# Bullet test incl 168gr AMAX



## model88_308 (Dec 9, 2015)

A member of another forum I frequent had found the 168gr AMAX to shoot very well in his .308. He was considering it for an antelope hunt he was going on and ended up doing some impact "testing" with it and some other bullets. 

The results of that testing completely turned him away from the AMAX and he was quite pleased with the results he got, instead, with a 168gr BT. The BT has been a somewhat controversial bullet that many have found to be excellent on deer-sized game.

My understanding is that the jacket thickness was increased several years ago after some complaints about "failures". Most all I read today is positive about the BT with people using proper calibers & weights.

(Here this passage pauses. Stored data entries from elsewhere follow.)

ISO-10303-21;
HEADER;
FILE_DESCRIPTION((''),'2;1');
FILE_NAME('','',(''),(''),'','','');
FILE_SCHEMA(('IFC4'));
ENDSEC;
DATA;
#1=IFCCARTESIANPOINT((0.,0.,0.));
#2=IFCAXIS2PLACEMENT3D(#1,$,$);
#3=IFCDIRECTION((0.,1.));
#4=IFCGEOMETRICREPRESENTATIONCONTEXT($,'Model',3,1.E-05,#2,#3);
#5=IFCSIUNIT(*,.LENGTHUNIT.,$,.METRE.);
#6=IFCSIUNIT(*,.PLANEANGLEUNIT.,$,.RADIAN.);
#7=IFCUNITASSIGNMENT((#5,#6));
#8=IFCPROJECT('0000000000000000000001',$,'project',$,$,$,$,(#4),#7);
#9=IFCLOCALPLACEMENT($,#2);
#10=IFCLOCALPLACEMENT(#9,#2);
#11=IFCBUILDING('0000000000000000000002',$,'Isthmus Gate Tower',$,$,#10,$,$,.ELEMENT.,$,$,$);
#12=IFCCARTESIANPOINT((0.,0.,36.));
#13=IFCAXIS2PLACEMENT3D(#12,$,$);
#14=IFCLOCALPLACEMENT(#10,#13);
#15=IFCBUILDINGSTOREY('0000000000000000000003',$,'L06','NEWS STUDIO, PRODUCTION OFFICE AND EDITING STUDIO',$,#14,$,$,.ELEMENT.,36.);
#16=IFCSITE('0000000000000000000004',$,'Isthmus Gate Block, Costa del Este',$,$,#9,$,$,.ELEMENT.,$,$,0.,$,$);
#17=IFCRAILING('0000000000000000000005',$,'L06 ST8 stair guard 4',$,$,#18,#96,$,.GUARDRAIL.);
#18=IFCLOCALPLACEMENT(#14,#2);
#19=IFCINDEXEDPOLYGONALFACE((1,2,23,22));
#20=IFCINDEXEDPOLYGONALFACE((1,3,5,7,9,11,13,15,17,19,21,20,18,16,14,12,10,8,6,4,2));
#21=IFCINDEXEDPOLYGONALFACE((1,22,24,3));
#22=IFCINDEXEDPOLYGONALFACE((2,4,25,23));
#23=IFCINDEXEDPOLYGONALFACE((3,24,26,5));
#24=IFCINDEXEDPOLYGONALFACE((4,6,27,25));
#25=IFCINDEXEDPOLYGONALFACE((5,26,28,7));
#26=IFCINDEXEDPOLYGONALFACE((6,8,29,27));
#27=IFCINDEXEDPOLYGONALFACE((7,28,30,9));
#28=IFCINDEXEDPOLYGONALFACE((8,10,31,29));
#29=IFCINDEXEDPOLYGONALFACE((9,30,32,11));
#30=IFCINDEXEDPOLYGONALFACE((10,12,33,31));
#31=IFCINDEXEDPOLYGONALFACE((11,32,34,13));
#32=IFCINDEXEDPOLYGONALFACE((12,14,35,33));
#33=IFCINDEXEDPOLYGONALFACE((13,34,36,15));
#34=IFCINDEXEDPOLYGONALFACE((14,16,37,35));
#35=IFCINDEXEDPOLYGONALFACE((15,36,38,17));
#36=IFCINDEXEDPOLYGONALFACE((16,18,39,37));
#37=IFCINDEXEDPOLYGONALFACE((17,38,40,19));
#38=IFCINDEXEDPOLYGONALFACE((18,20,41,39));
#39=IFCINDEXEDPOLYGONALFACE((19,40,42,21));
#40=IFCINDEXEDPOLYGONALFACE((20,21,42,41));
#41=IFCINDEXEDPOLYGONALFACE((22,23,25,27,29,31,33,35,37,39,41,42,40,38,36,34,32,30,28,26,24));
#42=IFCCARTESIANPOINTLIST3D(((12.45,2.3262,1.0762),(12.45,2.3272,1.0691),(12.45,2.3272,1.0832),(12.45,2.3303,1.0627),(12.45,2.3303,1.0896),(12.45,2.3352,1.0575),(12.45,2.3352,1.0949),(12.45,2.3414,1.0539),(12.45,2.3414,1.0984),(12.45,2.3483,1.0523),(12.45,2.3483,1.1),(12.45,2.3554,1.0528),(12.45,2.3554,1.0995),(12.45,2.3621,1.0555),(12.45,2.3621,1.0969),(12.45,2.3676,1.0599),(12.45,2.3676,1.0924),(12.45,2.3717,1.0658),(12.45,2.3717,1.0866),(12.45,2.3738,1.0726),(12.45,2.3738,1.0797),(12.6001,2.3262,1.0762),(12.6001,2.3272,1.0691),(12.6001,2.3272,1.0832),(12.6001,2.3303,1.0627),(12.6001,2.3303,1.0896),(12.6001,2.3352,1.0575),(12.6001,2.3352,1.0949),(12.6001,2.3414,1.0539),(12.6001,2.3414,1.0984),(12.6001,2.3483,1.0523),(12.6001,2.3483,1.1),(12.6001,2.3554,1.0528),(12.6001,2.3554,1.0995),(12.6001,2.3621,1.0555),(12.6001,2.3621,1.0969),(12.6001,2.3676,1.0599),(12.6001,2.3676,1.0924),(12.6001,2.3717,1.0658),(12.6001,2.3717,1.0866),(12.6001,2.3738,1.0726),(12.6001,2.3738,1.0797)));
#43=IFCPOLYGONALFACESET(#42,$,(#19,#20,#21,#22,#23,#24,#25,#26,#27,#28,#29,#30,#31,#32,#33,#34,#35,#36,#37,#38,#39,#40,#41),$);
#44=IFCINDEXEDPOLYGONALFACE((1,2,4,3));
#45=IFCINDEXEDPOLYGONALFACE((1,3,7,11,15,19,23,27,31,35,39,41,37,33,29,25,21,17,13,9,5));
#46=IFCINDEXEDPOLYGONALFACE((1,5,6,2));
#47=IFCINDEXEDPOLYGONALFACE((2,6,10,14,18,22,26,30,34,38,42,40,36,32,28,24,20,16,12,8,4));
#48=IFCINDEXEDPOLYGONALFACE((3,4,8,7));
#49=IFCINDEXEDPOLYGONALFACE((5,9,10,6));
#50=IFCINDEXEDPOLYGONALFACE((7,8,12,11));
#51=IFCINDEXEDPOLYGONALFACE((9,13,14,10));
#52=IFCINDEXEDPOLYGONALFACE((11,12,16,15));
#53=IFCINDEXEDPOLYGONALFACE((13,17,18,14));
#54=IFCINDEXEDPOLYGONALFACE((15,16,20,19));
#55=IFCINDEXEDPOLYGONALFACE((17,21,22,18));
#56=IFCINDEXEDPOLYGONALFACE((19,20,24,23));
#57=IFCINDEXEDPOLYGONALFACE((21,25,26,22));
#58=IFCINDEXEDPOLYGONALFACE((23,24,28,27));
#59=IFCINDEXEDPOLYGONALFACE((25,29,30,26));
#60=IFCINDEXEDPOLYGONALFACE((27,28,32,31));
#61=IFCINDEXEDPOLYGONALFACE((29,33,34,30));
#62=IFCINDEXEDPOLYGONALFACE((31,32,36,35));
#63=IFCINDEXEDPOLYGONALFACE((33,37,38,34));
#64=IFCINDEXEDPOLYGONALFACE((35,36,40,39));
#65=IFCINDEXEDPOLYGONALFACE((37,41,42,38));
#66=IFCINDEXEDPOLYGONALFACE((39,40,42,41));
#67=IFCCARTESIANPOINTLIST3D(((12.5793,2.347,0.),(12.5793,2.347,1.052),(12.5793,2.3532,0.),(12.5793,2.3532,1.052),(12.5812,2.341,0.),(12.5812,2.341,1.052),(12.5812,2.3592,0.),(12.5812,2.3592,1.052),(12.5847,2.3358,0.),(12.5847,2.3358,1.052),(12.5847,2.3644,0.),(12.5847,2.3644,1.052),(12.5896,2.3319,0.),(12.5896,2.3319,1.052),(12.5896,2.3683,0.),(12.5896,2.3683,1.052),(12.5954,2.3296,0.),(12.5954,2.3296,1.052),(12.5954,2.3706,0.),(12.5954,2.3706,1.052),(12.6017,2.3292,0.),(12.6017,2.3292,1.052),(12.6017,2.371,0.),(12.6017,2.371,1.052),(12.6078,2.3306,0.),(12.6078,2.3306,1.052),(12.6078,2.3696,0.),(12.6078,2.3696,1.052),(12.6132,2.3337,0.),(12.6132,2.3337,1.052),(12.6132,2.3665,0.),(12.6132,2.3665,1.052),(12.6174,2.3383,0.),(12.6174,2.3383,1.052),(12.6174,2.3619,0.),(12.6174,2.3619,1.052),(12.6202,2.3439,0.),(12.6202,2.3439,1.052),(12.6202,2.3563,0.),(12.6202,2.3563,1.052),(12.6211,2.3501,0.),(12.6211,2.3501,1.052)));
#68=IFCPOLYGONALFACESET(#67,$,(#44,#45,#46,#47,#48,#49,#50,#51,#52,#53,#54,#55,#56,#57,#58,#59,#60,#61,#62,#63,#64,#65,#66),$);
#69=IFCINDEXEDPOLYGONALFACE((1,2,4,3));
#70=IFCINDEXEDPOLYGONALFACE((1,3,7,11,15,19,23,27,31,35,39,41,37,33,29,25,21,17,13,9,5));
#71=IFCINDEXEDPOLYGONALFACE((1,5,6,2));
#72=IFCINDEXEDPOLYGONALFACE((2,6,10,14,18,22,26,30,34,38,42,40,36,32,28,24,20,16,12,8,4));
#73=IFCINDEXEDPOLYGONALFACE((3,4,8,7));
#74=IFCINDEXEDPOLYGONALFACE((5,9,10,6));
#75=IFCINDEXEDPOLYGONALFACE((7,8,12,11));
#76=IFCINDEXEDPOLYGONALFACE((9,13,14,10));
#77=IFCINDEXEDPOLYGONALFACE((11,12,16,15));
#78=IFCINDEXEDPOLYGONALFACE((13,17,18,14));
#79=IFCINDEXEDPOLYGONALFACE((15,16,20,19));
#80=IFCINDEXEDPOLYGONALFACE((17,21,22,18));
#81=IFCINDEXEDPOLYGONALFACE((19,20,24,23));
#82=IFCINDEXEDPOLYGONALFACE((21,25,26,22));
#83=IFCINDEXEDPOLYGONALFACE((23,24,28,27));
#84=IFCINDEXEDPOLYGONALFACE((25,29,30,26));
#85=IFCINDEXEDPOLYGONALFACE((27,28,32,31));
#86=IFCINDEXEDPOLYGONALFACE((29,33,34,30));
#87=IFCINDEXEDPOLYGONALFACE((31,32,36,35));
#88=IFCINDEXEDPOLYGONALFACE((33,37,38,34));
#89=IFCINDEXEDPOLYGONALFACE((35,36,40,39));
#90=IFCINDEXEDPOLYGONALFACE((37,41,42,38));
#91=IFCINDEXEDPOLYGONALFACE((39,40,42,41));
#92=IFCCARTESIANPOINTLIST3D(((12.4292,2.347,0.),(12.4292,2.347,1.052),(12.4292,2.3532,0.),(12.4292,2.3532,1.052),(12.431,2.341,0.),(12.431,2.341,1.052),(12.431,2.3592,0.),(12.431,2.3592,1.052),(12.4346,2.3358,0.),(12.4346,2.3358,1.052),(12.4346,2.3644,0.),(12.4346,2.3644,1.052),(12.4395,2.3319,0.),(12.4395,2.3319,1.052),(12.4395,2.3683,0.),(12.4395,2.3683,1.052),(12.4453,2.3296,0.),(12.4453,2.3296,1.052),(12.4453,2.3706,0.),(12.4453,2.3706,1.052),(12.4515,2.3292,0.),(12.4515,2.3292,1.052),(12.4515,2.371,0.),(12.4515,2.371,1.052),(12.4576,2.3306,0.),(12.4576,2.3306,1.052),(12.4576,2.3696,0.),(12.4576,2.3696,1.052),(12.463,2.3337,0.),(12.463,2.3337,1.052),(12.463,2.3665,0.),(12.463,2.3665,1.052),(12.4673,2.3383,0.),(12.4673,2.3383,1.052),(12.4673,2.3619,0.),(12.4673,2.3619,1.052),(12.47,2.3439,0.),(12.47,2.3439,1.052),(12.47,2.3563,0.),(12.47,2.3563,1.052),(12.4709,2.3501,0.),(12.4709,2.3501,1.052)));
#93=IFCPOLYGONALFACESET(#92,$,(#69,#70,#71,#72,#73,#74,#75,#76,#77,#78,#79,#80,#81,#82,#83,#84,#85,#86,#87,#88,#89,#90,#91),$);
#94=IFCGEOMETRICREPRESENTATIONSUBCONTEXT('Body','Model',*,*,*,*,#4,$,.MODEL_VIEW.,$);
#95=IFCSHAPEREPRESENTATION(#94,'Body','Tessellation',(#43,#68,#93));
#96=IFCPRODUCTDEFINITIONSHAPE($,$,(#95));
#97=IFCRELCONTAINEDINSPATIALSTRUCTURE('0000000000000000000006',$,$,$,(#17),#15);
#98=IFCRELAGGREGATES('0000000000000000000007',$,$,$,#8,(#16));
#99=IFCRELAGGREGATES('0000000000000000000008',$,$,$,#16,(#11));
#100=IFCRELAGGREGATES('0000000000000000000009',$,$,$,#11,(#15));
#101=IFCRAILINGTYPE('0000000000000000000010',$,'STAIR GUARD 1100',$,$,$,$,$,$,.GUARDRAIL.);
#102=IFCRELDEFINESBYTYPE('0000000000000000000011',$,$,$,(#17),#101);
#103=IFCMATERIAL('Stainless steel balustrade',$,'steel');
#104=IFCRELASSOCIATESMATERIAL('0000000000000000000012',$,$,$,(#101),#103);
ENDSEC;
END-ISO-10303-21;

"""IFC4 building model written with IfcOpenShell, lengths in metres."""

from ifc_helpers import new_model, si_unit, direction, frame, origin, origin_2d, place, context, subcontext, project, spatial, circle, extrude, material, type_object, element, save


model = new_model("IFC4")

# Units and contexts
model_context = context("Model", 3, precision=1e-05, world=origin(), true_north=direction((0.0, 1.0)))
body_context = subcontext(model_context, "Body", "Model", "MODEL_VIEW")
ifc_project = project(units=[si_unit("LENGTHUNIT", "METRE"), si_unit("PLANEANGLEUNIT", "RADIAN")], contexts=[model_context])

# Site, building, storey
site_placement = place(None, origin())
site = spatial("IfcSite", under=ifc_project, at=site_placement, Name="Isthmus Gate Block, Costa del Este", CompositionType="ELEMENT", RefElevation=0.0)
building_placement = place(site_placement, origin())
building = spatial("IfcBuilding", under=site, at=building_placement, Name="Isthmus Gate Tower", CompositionType="ELEMENT")
storey_placement = place(building_placement, frame((0.0, 0.0, 36.0)))
storey = spatial("IfcBuildingStorey", under=building, at=storey_placement, Name="L06", Description="NEWS STUDIO, PRODUCTION OFFICE AND EDITING STUDIO", CompositionType="ELEMENT", Elevation=36.0)

# Railing
ifc_material_1 = material(Name="Stainless steel balustrade", Category="steel")
railing_type_1 = type_object("IfcRailingType", Name="STAIR GUARD 1100", PredefinedType="GUARDRAIL", material=ifc_material_1)
railing_1_placement = place(storey_placement, frame((12.6001, 2.3501, 0.0)))
element("IfcRailing", 1, at=railing_1_placement, inside=storey, type_object=railing_type_1, Name="L06 ST8 stair guard 4", PredefinedType="GUARDRAIL", context=body_context, shape_type="SweptSolid", body=[
    extrude(circle(Radius=0.0239, at=origin_2d()), frame((0.0, 0.0, 1.0762), z_axis=(-1.0, 0.0, 0.0), x_axis=(0.0, -1.0, 0.0)), (0.0, 0.0, 1.0), 0.1501),
    extrude(circle(Radius=0.021, at=origin_2d()), origin(), (0.0, 0.0, 1.0), 1.052),
    extrude(circle(Radius=0.021, at=origin_2d()), frame((-0.1501, 0.0, 0.0)), (0.0, 0.0, 1.0), 1.052),
])

save(model, "model.ifc")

From those who saw some "bad" things in years past, it's too simple to keep using something they found better, while the newer version BT has proven itself to many hunters.

Looking at the pictures, the BT held up very well and it's performance at high velocity was much better than the AMAX at much lower velocity. He mentions the AMAX as "exploding" at full velocity in the test medium (water jugs). 

Some interesting reading and pictures here and so you know, input to this thread is still ongoing.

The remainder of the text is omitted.